The Man Who Sold the Moon? A private space company's chief, Robert Bigelow of Bigelow Aerospace Inc., called for the Federal Aviation Administration to allow property rights for lunar mining, at a Tuesday NASA briefing.
The North Las Vegas, Nevada-based firm already has a contract, announced in January, to provide the U.S. space agency with an experimental inflatable habitat for the International Space Station in 2015.
Now Bigelow, 69, wants private space companies (such as his own and Elon Musk's SpaceX rocket firm) to take a larger role in expanding NASA's astronaut explorations to beyond the space station's orbit. (See "Moon Exploration.")
And he wants the U.S. government to offer those firms a potential payoff—rights to mine the moon, echoing recent calls to mine asteroids. "The time has come to get serious about lunar property rights," said Bigelow, speaking at a briefing with NASA manned spaceflight chief William Gerstenmaier.
Moon Base Miners
"Ultimately, permanent lunar bases will have to be anchored to permanent commercial facilities," he said. "Without property rights there will be no justification for investment and the risk to life."
According to the FAA, however, the agency only regulates launches and reentries of rockets from orbit, and doesn't oversee activities of spacecraft.
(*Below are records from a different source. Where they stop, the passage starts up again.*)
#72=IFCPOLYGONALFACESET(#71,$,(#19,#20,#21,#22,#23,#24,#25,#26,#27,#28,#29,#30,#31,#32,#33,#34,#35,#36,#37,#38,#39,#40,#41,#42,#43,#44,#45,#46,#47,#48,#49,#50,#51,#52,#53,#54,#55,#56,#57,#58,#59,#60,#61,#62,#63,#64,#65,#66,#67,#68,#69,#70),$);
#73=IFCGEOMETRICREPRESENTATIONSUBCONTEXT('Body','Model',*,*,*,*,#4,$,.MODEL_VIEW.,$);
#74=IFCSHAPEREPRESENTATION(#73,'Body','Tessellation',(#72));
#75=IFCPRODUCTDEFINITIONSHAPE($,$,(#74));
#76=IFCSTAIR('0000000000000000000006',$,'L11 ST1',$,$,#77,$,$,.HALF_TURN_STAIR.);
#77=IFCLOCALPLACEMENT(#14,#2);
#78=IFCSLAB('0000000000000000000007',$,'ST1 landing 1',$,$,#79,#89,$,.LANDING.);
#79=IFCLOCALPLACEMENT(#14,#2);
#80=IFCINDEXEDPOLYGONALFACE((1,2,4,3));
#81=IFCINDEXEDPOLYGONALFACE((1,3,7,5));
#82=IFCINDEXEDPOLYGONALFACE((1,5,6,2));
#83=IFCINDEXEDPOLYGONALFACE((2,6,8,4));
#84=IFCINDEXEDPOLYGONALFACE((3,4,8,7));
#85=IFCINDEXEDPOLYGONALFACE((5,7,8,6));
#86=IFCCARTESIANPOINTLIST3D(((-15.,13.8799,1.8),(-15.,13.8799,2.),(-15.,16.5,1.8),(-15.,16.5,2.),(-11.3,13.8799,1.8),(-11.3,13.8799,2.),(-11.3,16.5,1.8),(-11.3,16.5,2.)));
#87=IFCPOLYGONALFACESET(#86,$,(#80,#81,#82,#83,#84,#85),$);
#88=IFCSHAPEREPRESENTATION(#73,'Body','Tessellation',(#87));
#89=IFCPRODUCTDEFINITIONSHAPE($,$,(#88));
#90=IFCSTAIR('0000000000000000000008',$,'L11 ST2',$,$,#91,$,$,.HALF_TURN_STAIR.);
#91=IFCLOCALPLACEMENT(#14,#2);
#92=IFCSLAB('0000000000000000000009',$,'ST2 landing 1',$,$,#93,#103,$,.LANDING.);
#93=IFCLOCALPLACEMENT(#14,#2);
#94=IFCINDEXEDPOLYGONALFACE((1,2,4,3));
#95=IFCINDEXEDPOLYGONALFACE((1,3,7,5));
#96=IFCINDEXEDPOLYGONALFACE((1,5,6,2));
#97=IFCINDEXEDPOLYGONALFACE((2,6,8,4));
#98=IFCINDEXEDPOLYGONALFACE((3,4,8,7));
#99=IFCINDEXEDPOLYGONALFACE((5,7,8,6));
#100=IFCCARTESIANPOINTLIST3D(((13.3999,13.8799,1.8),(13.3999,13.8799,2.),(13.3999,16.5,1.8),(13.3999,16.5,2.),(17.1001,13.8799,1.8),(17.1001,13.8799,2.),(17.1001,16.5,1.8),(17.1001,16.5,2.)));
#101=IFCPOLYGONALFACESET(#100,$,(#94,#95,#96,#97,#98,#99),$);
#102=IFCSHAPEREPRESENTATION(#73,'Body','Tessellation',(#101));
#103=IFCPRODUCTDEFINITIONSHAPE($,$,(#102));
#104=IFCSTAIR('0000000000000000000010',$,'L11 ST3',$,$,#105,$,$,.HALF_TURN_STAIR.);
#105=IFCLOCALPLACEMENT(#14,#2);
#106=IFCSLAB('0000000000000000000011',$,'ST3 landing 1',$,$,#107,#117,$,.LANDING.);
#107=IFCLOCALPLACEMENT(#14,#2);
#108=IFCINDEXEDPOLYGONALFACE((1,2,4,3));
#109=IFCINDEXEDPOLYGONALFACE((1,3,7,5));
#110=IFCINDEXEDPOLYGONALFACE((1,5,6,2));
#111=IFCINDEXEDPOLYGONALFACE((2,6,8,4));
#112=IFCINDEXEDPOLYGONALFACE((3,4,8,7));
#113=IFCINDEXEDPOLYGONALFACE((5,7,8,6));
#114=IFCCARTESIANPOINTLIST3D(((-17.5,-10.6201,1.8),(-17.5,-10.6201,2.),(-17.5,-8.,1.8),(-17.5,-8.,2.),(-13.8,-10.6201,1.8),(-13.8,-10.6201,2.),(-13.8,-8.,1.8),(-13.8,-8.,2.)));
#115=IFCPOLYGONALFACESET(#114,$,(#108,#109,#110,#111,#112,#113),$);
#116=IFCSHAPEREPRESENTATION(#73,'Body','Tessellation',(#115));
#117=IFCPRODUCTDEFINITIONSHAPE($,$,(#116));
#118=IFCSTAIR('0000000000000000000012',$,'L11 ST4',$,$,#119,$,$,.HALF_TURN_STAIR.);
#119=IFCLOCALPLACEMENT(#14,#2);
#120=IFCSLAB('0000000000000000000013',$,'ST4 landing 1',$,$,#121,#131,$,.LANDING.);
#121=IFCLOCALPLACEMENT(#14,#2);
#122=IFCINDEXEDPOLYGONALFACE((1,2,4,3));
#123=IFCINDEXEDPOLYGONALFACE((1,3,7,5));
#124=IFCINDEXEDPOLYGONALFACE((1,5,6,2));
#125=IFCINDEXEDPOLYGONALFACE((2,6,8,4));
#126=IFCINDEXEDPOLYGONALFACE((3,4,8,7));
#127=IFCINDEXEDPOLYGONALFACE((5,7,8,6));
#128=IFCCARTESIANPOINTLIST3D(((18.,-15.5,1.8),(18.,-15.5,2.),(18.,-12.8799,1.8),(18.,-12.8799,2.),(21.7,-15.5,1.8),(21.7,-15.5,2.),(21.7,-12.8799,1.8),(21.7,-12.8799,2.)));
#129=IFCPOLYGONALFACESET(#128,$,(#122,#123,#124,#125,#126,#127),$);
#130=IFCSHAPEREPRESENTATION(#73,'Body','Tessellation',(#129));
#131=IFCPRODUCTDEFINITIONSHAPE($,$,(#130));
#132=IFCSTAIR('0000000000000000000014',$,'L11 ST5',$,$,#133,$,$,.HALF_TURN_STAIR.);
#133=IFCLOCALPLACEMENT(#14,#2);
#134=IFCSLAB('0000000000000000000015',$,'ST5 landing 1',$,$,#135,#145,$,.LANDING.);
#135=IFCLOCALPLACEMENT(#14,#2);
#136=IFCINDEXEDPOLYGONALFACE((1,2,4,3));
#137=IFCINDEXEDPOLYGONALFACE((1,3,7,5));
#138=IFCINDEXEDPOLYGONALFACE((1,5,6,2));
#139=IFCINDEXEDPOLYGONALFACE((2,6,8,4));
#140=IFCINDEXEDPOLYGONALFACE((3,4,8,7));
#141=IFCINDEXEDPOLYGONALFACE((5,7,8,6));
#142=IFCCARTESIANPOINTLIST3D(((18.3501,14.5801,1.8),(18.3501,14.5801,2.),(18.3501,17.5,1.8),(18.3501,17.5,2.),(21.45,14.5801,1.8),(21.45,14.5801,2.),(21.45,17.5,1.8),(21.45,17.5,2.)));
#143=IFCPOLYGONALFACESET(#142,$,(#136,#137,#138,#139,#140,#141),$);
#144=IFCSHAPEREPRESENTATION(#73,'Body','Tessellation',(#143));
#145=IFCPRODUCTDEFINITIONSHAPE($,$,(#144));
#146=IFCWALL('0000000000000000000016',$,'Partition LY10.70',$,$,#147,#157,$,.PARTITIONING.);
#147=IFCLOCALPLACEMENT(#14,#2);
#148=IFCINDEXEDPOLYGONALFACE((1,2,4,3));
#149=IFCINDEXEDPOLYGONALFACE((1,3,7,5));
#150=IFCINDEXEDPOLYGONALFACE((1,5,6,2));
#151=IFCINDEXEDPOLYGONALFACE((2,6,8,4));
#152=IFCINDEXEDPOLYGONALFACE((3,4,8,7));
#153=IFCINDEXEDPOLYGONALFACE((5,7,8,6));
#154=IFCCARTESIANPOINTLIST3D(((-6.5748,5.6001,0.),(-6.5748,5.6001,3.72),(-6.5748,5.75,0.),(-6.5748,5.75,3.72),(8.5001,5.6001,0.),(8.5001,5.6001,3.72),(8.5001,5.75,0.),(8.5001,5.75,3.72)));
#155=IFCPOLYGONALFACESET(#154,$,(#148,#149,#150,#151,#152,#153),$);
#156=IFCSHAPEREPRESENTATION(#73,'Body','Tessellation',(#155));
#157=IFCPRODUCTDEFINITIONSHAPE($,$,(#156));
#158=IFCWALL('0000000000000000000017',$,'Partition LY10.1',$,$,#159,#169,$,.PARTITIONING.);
The latest U.S. Commercial Space Act doesn't mention lunar mining.
Bigelow Aerospace attorney Mike Gold, however, maintained that the agency's oversight of launches made it the right place to start asking for permission to mine the moon.
Asteroid Mining on the Moon
In recent years, a number of nascent asteroid-mining firms such as Planetary Resources, Inc. of Bellevue, Washington, have announced plans to prospect space rocks orbiting near Earth for rare earths or platinum. (See "Asteroid Mining Metal Abundance.")
"Asteroids have been hitting the moon for a long time, especially on the back side," Bigelow said at the briefing, arguing that mining rare earths and other valuable resources would be even easier on the lunar surface.
He described future miners at these asteroid impact sites as "just walking around, picking stuff up from the ground."
An inflatable moon base designed by his firm would land itself, in his view, after assembly in orbit around the moon.
Lunar Rights Conundrum
Leaving aside the costs of moon rockets and the return of heavy minerals from the moon to Earth, a number of legal obstacles stands in the way of moon miners, says space law expert James Dunstan of Mobius Legal Group in Springfield, Virginia.
Space exploration advocates have called for lunar property rights since the days of the moon landings. However, the Outer Space Treaty prohibits nations from claiming territorial rights on the moon, which is widely seen as precluding them from awarding property rights to lunar resources.
Gold argued that the treaty, signed by the major space-faring nations, does allow for property rights claims, something to be examined in the opinion the firm plans to request from the FAA.
Dunstan is dubious, however, saying, "While Bigelow may be trying to force the U.S. government's hand by seeking an opinion from the FAA, the FAA cannot (and my guess is would not) render an opinion as to the legality of mining the moon."
Private Space Partnerships
Bigelow's announcement came amid the release of the second half of a report, requested from the firm by NASA, on whether the space agency should seek commercial partners to explore beyond Earth's orbit.
NASA already has a partnership with two commercial firms to supply the International Space Station, an effort widely seen as a success in the space community.
In remarks that implied criticism of NASA's plans to test-fly its own large astronaut rockets in 2017 and 2021, Bigelow said the report called for NASA to instead use commercial rockets to explore the moon and asteroids.
NASA announced a plan last year to retrieve a small asteroid and park it in orbit around the moon as soon as 2021. Bigelow said private space firms and the space agency would both benefit by cooperating on such missions to a greater extent.
"We'll look very carefully at all the recommendations in the report," Gerstenmaier said at the briefing. He saw such partnerships, at this point in time, "starting small."